Bratislava
So last week I escaped the cold, drizzly England to go to the cold an drizzly Eastern European countries (well four of them at least) and the first part of this 7 day travelling extravaganza took us to Slovakia's capital - Bratislava.
When we initially planned this out, Bratislava wasn't on the list, but several airline searches later and glances at our bank balance made the city the perfect place to fly into (I mean you cant really argue with £20 flights can you?). I didn't really know anything about the country, its history or what to expect.
After speaking to some lovely Slovaks we were on our way to the city centre on a bus. We were told it would be best to go to the train station with our bags as we could leave them there, and obviously we were filled with anticipation when the woman helping us said "brace yourself, this is it" in a blatant attempt at sarcasm. She had a point - if you are looking for beauty then best not to start with the train station. However, that said we dropped off our bag and headed into town to see what Bratislava could offer us.

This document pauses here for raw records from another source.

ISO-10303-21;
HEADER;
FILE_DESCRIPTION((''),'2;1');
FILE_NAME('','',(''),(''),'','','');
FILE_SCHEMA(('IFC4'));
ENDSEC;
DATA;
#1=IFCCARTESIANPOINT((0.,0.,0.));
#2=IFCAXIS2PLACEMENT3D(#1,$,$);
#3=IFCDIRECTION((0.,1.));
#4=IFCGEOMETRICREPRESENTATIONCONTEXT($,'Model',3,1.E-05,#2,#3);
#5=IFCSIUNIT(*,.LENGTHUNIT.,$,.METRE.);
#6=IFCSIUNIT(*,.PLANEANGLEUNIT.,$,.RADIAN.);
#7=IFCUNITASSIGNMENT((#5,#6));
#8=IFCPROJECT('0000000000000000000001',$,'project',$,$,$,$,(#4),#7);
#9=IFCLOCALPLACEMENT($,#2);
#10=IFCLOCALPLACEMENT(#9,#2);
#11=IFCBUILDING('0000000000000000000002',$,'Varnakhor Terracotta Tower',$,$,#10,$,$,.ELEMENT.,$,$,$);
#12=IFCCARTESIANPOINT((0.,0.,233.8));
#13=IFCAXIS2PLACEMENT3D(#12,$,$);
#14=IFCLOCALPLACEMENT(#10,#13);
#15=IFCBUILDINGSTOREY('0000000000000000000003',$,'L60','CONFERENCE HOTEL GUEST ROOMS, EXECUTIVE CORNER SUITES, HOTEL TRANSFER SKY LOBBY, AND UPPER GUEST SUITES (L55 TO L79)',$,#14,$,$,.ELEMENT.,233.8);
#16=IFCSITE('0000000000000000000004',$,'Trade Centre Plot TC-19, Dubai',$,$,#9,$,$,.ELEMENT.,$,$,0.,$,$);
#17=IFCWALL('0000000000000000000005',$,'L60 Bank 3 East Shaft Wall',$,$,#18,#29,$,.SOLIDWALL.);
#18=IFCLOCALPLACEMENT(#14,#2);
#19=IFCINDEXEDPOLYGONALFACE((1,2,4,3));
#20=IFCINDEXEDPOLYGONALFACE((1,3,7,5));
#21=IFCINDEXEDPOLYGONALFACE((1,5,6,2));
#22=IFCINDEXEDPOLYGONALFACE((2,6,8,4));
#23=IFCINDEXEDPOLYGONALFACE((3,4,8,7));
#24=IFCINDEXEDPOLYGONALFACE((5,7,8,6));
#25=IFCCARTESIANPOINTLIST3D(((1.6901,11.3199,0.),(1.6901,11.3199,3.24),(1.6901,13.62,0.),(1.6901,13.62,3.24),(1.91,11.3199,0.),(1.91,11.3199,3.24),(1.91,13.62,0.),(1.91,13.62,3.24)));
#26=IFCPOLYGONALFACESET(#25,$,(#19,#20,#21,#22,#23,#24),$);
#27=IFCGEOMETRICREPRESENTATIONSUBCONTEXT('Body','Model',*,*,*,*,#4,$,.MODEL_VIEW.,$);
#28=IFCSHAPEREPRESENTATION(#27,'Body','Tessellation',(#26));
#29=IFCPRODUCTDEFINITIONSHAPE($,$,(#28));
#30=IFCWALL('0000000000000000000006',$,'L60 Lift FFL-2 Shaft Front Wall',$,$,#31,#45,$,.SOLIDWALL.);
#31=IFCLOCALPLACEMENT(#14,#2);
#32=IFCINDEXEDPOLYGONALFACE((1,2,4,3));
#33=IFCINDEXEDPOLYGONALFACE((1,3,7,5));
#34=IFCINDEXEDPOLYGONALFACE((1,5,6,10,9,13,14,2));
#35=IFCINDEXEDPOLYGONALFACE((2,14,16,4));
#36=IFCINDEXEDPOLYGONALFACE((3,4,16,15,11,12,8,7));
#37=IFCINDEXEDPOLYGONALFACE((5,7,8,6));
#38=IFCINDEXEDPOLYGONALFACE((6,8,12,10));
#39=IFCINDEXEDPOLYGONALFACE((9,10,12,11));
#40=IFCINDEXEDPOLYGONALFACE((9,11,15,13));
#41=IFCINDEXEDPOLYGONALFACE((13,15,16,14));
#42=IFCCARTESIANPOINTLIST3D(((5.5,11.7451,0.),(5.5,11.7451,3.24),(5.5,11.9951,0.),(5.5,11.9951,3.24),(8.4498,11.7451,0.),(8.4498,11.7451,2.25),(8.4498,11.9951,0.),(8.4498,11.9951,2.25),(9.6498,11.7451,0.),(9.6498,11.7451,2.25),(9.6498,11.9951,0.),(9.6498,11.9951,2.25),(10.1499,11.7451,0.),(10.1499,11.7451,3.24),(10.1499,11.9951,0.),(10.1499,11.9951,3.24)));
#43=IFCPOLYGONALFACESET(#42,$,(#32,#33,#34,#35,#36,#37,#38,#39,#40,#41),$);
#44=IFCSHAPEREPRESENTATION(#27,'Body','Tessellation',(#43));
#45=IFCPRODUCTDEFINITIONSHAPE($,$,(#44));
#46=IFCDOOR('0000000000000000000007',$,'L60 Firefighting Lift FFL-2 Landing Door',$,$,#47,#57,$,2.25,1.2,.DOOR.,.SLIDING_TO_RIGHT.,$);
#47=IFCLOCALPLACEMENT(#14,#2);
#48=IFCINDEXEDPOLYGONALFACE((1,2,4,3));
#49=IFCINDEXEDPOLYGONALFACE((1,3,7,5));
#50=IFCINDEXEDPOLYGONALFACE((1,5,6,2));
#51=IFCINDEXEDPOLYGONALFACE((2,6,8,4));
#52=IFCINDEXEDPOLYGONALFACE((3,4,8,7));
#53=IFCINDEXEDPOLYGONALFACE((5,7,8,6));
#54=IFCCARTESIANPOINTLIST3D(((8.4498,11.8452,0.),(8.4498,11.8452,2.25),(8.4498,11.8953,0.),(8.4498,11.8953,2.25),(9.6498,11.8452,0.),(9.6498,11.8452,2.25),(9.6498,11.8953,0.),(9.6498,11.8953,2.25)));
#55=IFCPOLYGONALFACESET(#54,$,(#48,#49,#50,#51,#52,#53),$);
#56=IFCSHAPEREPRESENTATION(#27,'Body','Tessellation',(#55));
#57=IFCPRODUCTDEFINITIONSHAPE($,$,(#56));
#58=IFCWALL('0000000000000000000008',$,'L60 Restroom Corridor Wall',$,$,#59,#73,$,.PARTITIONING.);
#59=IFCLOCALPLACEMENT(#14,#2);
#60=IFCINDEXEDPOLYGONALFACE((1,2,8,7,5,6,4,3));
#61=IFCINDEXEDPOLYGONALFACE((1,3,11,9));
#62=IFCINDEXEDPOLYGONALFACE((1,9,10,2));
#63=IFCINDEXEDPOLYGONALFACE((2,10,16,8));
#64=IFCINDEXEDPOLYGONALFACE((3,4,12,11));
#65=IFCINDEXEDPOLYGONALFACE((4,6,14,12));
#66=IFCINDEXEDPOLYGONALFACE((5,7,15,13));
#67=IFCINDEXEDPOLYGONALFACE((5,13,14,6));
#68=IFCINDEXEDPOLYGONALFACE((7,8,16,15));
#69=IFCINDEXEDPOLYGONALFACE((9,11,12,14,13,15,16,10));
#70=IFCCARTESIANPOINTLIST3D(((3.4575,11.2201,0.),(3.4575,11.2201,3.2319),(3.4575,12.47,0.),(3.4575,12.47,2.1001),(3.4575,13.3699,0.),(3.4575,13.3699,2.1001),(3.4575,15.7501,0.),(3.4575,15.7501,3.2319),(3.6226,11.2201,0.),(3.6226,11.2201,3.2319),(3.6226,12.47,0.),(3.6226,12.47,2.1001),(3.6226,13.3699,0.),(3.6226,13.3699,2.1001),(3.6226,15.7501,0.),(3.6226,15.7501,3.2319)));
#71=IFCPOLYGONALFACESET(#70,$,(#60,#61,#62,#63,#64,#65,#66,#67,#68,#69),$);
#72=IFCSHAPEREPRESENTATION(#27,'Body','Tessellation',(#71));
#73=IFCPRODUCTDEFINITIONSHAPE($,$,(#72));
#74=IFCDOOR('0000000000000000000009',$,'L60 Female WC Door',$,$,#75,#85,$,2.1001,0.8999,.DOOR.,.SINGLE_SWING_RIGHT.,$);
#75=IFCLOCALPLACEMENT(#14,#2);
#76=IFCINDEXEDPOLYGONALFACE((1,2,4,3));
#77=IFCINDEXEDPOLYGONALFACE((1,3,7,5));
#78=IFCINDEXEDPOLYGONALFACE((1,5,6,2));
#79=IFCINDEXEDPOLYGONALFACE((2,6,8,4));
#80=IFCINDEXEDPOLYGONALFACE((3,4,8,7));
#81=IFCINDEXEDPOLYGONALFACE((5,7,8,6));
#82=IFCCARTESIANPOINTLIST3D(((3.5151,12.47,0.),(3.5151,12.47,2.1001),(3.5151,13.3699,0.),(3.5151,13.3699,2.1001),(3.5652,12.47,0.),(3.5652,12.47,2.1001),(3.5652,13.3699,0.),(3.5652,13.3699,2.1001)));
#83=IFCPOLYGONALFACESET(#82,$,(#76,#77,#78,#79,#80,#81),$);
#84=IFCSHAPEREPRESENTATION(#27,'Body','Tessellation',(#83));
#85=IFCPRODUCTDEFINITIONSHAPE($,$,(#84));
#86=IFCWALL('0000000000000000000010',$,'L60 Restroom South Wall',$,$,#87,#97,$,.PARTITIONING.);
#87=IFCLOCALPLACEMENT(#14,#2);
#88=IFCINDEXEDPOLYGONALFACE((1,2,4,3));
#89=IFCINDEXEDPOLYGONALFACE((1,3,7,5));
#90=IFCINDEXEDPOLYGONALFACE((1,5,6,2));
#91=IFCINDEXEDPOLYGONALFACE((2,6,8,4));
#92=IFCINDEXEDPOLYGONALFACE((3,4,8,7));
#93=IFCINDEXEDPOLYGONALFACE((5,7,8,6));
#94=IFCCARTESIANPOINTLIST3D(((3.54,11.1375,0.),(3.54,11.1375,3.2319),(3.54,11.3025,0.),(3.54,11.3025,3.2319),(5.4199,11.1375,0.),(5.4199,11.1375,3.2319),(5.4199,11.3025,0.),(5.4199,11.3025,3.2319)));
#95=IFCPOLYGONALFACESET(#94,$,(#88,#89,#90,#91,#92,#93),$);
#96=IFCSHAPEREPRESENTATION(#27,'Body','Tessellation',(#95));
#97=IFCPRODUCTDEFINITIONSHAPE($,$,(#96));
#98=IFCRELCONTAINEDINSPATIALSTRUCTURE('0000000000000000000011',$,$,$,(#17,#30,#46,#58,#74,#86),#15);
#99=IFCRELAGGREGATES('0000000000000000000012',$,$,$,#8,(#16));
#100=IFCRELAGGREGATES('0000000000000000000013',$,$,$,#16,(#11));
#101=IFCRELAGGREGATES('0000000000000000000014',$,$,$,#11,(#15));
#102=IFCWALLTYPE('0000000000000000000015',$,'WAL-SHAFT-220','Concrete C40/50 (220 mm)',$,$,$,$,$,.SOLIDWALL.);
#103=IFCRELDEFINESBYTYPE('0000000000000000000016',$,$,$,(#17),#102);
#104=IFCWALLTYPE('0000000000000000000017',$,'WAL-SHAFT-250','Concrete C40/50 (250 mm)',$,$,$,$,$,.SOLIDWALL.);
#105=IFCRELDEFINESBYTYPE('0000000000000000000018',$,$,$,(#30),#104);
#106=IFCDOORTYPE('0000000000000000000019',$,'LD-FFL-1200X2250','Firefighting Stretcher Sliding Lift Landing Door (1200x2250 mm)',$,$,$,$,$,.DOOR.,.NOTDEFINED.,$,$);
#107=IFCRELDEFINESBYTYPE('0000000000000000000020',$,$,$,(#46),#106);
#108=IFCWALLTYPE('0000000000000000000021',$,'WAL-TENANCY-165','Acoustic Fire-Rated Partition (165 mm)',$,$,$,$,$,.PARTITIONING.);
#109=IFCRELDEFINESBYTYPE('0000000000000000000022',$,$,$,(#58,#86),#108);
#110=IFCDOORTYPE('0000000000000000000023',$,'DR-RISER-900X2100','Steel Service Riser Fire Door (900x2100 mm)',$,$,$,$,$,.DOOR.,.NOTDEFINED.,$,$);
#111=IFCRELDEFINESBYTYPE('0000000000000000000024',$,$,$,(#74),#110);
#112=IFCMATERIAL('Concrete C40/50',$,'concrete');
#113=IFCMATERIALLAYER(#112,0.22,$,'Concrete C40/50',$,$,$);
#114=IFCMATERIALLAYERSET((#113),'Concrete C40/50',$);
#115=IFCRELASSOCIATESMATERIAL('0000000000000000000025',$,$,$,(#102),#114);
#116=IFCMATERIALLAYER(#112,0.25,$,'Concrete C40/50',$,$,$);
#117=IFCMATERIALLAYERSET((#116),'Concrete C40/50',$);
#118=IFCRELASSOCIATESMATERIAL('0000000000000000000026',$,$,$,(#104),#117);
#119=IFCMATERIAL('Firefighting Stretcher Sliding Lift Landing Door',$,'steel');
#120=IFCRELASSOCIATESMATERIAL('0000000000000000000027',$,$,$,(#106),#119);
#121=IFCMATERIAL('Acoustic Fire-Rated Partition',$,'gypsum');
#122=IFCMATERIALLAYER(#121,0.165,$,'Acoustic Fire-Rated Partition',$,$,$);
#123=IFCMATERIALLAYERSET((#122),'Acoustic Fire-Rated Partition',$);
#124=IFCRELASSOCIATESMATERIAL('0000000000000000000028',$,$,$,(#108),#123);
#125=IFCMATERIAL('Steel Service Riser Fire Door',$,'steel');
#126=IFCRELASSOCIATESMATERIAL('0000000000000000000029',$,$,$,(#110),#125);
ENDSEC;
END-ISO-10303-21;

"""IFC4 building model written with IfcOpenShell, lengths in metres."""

from ifc_helpers import new_model, si_unit, direction, frame, frame_2d, origin, place, context, subcontext, project, spatial, rectangle, extrude, source, transform, mapped, material, layer, layer_set, type_object, type_shapes, element, fill, save


model = new_model("IFC4")

# Units and contexts
model_context = context("Model", 3, precision=1e-05, world=origin(), true_north=direction((0.0, 1.0)))
body_context = subcontext(model_context, "Body", "Model", "MODEL_VIEW")
ifc_project = project(units=[si_unit("LENGTHUNIT", "METRE"), si_unit("PLANEANGLEUNIT", "RADIAN")], contexts=[model_context])

# Site, building, storey
site_placement = place(None, origin())
site = spatial("IfcSite", under=ifc_project, at=site_placement, Name="Trade Centre Plot TC-19, Dubai", CompositionType="ELEMENT", RefElevation=0.0)
building_placement = place(site_placement, origin())
building = spatial("IfcBuilding", under=site, at=building_placement, Name="Varnakhor Terracotta Tower", CompositionType="ELEMENT")
storey_placement = place(building_placement, frame((0.0, 0.0, 233.8)))
storey = spatial("IfcBuildingStorey", under=building, at=storey_placement, Name="L60", Description="CONFERENCE HOTEL GUEST ROOMS, EXECUTIVE CORNER SUITES, HOTEL TRANSFER SKY LOBBY, AND UPPER GUEST SUITES (L55 TO L79)", CompositionType="ELEMENT", Elevation=233.8)

# Wall
ifc_material_1 = material(Name="Concrete C40/50", Category="concrete")
ifc_layer_1 = layer(ifc_material_1, 0.22, Name="Concrete C40/50")
ifc_layer_set_1 = layer_set([ifc_layer_1], Name="Concrete C40/50")
wall_type_1 = type_object("IfcWallType", Name="WAL-SHAFT-220", Description="Concrete C40/50 (220 mm)", PredefinedType="SOLIDWALL", material=ifc_layer_set_1)
wall_1_placement = place(storey_placement, frame((1.8, 11.3201, 0.0), z_axis=(0.0, 0.0, 1.0), x_axis=(0.0, 1.0, 0.0)))
element("IfcWall", 1, at=wall_1_placement, inside=storey, type_object=wall_type_1, Name="L60 Bank 3 East Shaft Wall", PredefinedType="SOLIDWALL", context=body_context, shape_type="SweptSolid", body=[
    extrude(rectangle(XDim=2.3, YDim=0.22, at=frame_2d((1.1499, 0.0))), origin(), (0.0, 0.0, 1.0), 3.24),
])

After wondering around the buildings and looking for any inspiration we were getting a little bit worried as nothing was 'popping' out at us. Regardless we trekked on and came across two of the best things that Bratislava has to offer. Apparently the 'most sexist' bar... but that's another story entirely...
Old Town
This was by far the most beautiful part of the city, with the old buildings all clumped together overlooked by the Castle and St. Martin's Cathedral. We spent a good hour wandering around looking at the old houses and walking down the cobbled streets. After trekking up to the top of the hill to see the castle to look at the view we really had the feeling that we were finally in Eastern Europe. The holiday had begun and my camera was whipped out - admittedly maybe I took too many pictures but the ones I don't have on here will find there way to my instagram so have a look if you want any inspiration as to why you shouldn't give this little city a miss.
Slavin
This was by far one of the most eeriest things that I have ever seen, initially it wasn't something that was on our to do list but as it looked so imposing on a hill just on the outskirts on the city - what choice did we have but to make our way up there and see what it was all about. Knowing a bit about the history of Slovakia I thought that it was something to do with the communism which Stalin had enforced on the country - but I didn't expect to be right. The 'Ode to Stalin' as my travel buddy called it is huge and very imposing, standing over a graveyard full of the graves of Russian soldiers who fought against the invading Nazi's. All the writing is in Russian, and the propaganda used is still in full force - you find yourself almost transported back to that time, with statues of young and helpless Slovaks being looked after by the Soviet Soldiers. I can't really explain it but there is an air which sits over the monument, and you can understand the power that Stalin had over people. If you ever find yourself in Bratislava it might be worth reading up a bit more on the history of the place and definitely don't give this a miss.
Since this was a fleeting visit, with us rushing to catch the train to Vienna before nightfall, we tried to fit everything in and I am pretty certain we did. Anyone looking to travel to Bratislava, I did it in an afternoon so you will probably be able to as well.